# MT HOOD RAILROAD



## RioShay (Feb 26, 2009)

Linda and i enjoyed a ride on this scenic line that took us from the spectacular columbia gorge, up along the river to near the base of mt hood. the train consists of some older passenger cars, a diner, and the dome car we rode in. we wound thru some lushious fertlie valleys, to an hour lunch stop in parkdale. although this is a scenic passenger run, on the return trip we were required to do some fancy switching and haul back four lumber cars...and speaking of switching, we were also treated to one of the few switchbacks still used. a wonderful picturesque ride . lets see if i can get some fotos posted


----------



## RioShay (Feb 26, 2009)




----------



## RioShay (Feb 26, 2009)




----------



## RioShay (Feb 26, 2009)




----------



## RioShay (Feb 26, 2009)




----------



## RioShay (Feb 26, 2009)




----------



## RioShay (Feb 26, 2009)




----------



## R.W. Marty (Jan 2, 2008)

Hey, looks like you had a great time.
That is beautiful country, I have to add that to my "must ride" list.
Thanks for posting the pictures.
Rick Marty


----------



## RioShay (Feb 26, 2009)




----------



## RioShay (Feb 26, 2009)




----------



## nkelsey (Jan 4, 2008)

And they have a good dinner train.....


----------



## RioShay (Feb 26, 2009)

Hey Nick, that sure was a very enjoyable ride, along with the dinner runs, they have wild west shootouts and dinner shows. we sure like that steam engine kit you put together, on another thread here. and you sure have a lotta knowledge and experience in model trains. wished we lived closer, we'd come and visit. i hope DWIGHT, lets us(MLS) know if he ever runs his beautiful new steam engine up here at train mtn. we'd like to see them


----------



## Mike Reilley (Jan 2, 2008)

I took that ride about two years ago when they had their 2-8-0 steam engine that's now running in Colorado out of Alamosa. Looks like things have improved a lot in Oregon. Two years ago...there was no diner....no dome car...and the caboose (in which we rode) was certainly NOT as nice as the one in your photo. And OLD passenger cars is right....OLD OLD OLD...and in need of work. It's good to see that the RR is still going as it is a pretty ride. Combining this train ride with a drive down along the Columbia from Portland, a tour of the Bonneville Dam, and a nice lunch in Hood River made for a really great day.


----------



## nkelsey (Jan 4, 2008)

They just recently obtained the dome, which is an interesting ride given the sway on MHRR tracks! They also reopened the section that was washed out in 06 so they are doing okay for the economic times.. They have some neat christmas runs. For a real trip, start at the coast in Tillamook with a Heisler, Hood River and on to Sumpter Valley and #19 and the gold dredge. Coast to mountains to desert to mountains...you gotta love the Northwest.


----------



## nkelsey (Jan 4, 2008)

Thanks for the kind words about the loco, got to get a video of it one of these days.


----------



## John J (Dec 29, 2007)

That sure is some beautiful country. I lived in portland for two years. Did you get a change to see Timberline Lodge?


----------



## Mike Reilley (Jan 2, 2008)

Posted By nkelsey on 18 Aug 2009 08:16 PM 
...For a real trip, start at the coast in Tillamook with a Heisler, Hood River and on to Sumpter Valley and #19 and the gold dredge. Coast to mountains to desert to mountains...you gotta love the Northwest. 

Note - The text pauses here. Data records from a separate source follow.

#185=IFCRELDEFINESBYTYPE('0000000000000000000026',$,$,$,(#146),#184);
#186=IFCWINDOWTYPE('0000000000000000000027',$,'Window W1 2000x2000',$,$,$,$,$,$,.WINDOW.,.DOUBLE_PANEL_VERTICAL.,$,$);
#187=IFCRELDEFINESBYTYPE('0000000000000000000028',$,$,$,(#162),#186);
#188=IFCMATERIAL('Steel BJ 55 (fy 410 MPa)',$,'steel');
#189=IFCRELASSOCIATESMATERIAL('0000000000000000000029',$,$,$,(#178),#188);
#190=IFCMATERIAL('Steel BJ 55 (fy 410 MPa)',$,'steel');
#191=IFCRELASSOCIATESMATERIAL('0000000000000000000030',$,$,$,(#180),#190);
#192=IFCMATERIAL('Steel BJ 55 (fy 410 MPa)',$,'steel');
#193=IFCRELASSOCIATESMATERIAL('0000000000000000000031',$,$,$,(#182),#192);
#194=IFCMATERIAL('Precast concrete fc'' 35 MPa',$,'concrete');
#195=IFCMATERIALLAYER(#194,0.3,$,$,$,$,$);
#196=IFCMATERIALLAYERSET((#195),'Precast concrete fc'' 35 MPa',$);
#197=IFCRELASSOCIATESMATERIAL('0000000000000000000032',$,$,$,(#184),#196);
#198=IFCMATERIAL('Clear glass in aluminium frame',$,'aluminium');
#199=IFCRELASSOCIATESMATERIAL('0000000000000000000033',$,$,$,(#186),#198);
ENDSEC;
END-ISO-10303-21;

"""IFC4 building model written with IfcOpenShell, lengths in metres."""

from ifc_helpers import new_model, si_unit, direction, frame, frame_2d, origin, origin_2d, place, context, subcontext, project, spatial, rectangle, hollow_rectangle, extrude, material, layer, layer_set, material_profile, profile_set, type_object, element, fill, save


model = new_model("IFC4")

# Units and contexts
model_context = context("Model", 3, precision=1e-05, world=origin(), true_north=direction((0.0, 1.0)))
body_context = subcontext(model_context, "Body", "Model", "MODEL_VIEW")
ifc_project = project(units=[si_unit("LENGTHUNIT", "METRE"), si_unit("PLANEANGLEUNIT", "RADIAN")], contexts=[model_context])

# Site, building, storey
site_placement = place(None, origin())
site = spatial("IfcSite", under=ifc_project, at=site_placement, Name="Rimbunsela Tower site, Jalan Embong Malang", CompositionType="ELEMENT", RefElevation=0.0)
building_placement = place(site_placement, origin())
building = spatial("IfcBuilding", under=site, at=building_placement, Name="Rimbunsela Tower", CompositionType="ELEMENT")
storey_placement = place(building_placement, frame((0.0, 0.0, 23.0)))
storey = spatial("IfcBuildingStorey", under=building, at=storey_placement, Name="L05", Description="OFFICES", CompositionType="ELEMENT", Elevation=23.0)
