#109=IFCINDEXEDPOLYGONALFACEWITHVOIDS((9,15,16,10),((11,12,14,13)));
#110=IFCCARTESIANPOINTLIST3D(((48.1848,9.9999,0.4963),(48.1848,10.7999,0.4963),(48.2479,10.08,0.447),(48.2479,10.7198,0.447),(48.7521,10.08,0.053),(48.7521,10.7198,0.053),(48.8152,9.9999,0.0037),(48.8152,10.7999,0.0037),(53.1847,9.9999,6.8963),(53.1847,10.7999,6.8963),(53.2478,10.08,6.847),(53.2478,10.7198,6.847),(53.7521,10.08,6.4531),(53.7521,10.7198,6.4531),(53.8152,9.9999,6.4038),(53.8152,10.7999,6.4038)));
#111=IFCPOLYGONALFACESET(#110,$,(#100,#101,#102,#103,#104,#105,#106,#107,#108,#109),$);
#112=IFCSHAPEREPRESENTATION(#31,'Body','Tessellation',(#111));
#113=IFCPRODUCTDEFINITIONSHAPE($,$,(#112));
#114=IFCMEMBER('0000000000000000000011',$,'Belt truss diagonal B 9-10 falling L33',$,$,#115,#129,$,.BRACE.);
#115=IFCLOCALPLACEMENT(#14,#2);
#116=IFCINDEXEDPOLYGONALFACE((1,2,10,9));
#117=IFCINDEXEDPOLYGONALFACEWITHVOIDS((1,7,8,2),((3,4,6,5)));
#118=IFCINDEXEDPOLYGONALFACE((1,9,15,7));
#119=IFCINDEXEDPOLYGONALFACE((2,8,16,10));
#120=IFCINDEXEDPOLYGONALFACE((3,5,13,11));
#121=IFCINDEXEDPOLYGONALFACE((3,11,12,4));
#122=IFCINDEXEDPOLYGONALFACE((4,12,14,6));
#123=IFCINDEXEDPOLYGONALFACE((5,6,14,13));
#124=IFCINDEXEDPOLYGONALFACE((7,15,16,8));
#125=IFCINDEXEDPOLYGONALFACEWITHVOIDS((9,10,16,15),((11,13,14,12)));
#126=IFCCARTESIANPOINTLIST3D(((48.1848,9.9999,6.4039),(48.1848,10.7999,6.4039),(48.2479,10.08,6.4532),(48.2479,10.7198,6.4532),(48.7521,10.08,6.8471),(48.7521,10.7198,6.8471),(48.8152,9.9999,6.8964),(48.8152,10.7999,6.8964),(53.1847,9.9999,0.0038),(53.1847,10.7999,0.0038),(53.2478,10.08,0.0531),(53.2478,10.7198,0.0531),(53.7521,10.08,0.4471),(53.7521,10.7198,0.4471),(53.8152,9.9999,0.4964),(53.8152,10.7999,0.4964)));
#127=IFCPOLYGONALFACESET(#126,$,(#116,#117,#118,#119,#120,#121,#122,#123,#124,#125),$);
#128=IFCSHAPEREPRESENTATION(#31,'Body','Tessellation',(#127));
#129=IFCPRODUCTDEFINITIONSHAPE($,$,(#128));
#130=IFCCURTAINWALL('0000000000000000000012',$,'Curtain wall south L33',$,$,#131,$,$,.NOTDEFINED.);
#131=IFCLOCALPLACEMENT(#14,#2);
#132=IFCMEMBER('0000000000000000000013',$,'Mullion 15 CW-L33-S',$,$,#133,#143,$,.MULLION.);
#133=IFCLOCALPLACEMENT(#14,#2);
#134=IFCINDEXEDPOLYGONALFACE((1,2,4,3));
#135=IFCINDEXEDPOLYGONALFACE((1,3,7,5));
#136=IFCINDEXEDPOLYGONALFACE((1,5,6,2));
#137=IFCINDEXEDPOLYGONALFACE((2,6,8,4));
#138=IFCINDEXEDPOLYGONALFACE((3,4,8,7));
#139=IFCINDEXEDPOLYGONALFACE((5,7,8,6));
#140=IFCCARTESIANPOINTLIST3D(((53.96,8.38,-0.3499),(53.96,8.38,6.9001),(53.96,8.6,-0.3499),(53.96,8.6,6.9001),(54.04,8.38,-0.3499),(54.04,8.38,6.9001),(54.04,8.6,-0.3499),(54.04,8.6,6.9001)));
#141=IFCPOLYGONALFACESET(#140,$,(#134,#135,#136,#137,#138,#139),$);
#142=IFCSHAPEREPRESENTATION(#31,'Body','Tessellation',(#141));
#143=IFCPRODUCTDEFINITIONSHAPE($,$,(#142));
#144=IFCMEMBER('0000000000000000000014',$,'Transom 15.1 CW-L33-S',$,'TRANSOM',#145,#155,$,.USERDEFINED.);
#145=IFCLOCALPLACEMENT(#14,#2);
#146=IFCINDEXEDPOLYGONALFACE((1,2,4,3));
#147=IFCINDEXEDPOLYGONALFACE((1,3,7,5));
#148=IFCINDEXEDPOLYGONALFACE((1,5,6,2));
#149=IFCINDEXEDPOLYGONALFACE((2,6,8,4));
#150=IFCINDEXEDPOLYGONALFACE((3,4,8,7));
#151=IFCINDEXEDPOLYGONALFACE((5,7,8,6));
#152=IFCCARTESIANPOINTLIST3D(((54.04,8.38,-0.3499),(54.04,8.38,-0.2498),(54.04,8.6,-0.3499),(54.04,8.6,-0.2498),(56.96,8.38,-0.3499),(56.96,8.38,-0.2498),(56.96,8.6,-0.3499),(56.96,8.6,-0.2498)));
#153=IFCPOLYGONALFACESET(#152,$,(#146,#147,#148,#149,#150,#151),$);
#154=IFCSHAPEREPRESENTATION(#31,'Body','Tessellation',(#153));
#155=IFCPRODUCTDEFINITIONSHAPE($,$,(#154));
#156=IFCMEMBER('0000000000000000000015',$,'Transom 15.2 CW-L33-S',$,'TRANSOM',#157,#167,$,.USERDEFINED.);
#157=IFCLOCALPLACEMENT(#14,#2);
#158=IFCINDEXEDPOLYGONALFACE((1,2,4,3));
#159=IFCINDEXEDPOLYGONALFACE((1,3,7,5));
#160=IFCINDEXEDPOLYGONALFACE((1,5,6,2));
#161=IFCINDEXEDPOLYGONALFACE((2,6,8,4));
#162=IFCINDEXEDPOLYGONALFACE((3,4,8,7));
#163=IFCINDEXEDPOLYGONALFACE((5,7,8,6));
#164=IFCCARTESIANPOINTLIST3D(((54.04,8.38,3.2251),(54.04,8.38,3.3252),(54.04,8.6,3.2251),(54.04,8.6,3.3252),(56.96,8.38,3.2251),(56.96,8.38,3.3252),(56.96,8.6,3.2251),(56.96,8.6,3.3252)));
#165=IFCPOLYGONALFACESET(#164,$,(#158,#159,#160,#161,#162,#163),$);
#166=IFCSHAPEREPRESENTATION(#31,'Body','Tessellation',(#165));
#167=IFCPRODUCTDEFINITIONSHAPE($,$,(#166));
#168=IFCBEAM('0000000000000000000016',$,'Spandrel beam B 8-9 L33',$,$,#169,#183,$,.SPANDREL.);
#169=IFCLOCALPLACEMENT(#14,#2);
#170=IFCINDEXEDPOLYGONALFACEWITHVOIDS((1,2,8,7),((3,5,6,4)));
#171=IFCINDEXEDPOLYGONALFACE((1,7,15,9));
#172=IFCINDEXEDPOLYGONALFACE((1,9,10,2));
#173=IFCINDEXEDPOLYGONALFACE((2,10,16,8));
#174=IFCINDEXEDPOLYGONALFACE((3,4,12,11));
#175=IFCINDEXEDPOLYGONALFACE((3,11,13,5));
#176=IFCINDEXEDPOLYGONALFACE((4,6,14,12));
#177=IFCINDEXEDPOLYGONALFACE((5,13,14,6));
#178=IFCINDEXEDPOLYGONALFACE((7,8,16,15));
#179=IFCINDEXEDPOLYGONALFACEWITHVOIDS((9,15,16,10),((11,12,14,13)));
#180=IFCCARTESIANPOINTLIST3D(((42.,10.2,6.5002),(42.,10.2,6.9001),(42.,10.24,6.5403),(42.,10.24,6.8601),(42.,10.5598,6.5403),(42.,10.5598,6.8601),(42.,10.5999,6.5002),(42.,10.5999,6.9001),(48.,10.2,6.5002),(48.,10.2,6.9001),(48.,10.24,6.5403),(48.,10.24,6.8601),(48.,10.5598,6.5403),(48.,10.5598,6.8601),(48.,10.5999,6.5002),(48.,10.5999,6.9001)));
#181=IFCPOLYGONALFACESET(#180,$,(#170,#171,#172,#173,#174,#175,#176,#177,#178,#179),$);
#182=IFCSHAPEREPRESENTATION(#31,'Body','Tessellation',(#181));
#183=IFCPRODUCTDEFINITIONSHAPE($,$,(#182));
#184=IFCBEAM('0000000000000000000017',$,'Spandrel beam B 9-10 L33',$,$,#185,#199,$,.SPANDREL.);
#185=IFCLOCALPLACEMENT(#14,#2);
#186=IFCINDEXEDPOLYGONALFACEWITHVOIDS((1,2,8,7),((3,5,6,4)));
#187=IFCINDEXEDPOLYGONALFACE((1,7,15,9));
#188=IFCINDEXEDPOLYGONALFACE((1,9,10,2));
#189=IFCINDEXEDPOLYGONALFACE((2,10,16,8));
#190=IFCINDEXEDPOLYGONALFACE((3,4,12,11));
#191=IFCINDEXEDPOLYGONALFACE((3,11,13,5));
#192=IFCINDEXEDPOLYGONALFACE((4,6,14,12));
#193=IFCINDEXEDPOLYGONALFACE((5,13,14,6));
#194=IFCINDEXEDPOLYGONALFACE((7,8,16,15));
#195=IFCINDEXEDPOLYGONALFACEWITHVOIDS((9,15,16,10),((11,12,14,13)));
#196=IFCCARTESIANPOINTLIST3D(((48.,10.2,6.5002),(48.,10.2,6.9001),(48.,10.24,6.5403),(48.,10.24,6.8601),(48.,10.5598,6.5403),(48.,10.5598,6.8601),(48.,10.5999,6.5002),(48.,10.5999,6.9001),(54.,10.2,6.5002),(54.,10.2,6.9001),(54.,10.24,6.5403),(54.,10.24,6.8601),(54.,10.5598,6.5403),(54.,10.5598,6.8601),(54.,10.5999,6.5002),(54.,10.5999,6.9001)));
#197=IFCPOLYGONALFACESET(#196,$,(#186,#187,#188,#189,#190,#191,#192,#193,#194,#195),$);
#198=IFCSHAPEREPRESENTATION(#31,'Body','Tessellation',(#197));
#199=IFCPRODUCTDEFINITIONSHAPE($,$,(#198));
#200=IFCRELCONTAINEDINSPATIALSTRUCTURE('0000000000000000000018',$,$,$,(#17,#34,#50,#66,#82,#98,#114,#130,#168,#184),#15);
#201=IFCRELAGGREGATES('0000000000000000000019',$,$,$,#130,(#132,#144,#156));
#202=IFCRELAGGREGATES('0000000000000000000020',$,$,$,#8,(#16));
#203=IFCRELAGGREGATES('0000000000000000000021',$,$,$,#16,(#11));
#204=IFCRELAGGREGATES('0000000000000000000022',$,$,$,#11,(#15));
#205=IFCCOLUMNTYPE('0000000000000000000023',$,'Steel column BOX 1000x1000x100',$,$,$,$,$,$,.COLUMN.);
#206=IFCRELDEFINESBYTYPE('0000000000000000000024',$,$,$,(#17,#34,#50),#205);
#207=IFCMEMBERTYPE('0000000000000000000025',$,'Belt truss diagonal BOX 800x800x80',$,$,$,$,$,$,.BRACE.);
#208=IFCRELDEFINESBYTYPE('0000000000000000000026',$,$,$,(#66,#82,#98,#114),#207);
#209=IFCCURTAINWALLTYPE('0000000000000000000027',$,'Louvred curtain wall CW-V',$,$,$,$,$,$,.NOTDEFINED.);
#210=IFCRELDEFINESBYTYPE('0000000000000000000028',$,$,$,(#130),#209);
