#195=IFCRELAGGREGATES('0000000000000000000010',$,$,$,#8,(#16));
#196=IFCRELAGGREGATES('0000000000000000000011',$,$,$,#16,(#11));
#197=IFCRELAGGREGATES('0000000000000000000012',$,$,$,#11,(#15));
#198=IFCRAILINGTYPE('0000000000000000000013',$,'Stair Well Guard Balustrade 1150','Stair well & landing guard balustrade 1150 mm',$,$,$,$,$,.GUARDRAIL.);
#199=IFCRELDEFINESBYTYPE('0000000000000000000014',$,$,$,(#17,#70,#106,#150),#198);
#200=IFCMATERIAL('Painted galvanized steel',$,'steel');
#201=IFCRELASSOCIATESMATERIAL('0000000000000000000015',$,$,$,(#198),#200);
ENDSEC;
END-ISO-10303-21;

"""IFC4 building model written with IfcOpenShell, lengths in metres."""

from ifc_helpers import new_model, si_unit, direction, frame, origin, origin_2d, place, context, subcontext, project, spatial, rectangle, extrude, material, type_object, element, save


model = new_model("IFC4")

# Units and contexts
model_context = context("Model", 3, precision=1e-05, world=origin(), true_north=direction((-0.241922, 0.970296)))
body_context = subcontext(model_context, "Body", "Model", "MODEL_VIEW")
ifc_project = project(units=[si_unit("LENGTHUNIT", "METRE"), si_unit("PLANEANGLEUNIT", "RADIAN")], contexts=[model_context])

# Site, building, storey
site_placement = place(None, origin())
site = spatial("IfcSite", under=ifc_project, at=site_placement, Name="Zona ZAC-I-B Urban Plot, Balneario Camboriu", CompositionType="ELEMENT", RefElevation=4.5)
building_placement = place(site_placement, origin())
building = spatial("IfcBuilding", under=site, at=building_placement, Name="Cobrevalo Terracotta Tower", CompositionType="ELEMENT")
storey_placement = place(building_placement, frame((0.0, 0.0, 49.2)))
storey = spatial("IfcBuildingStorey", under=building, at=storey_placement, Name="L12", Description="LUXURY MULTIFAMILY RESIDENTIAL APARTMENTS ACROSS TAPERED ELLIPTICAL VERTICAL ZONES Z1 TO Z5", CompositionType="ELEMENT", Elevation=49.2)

OK....tell me more since I plan to attend the NGRC in Tacoma next year. Is this a single RR trip...and a bunch? What are the railroads?


----------



## nkelsey (Jan 4, 2008)

Okay, going to make me work huh! 
Oregon Coast Scenic RR Garibaldi, OR www.ocsr.net Heisler loco along the coast 
Mount Hood RR www.mthoodrr.com Excursion, Lunch and Dinner trains up the Hood River valley to Parkdale in the shadow of Mt. Hood.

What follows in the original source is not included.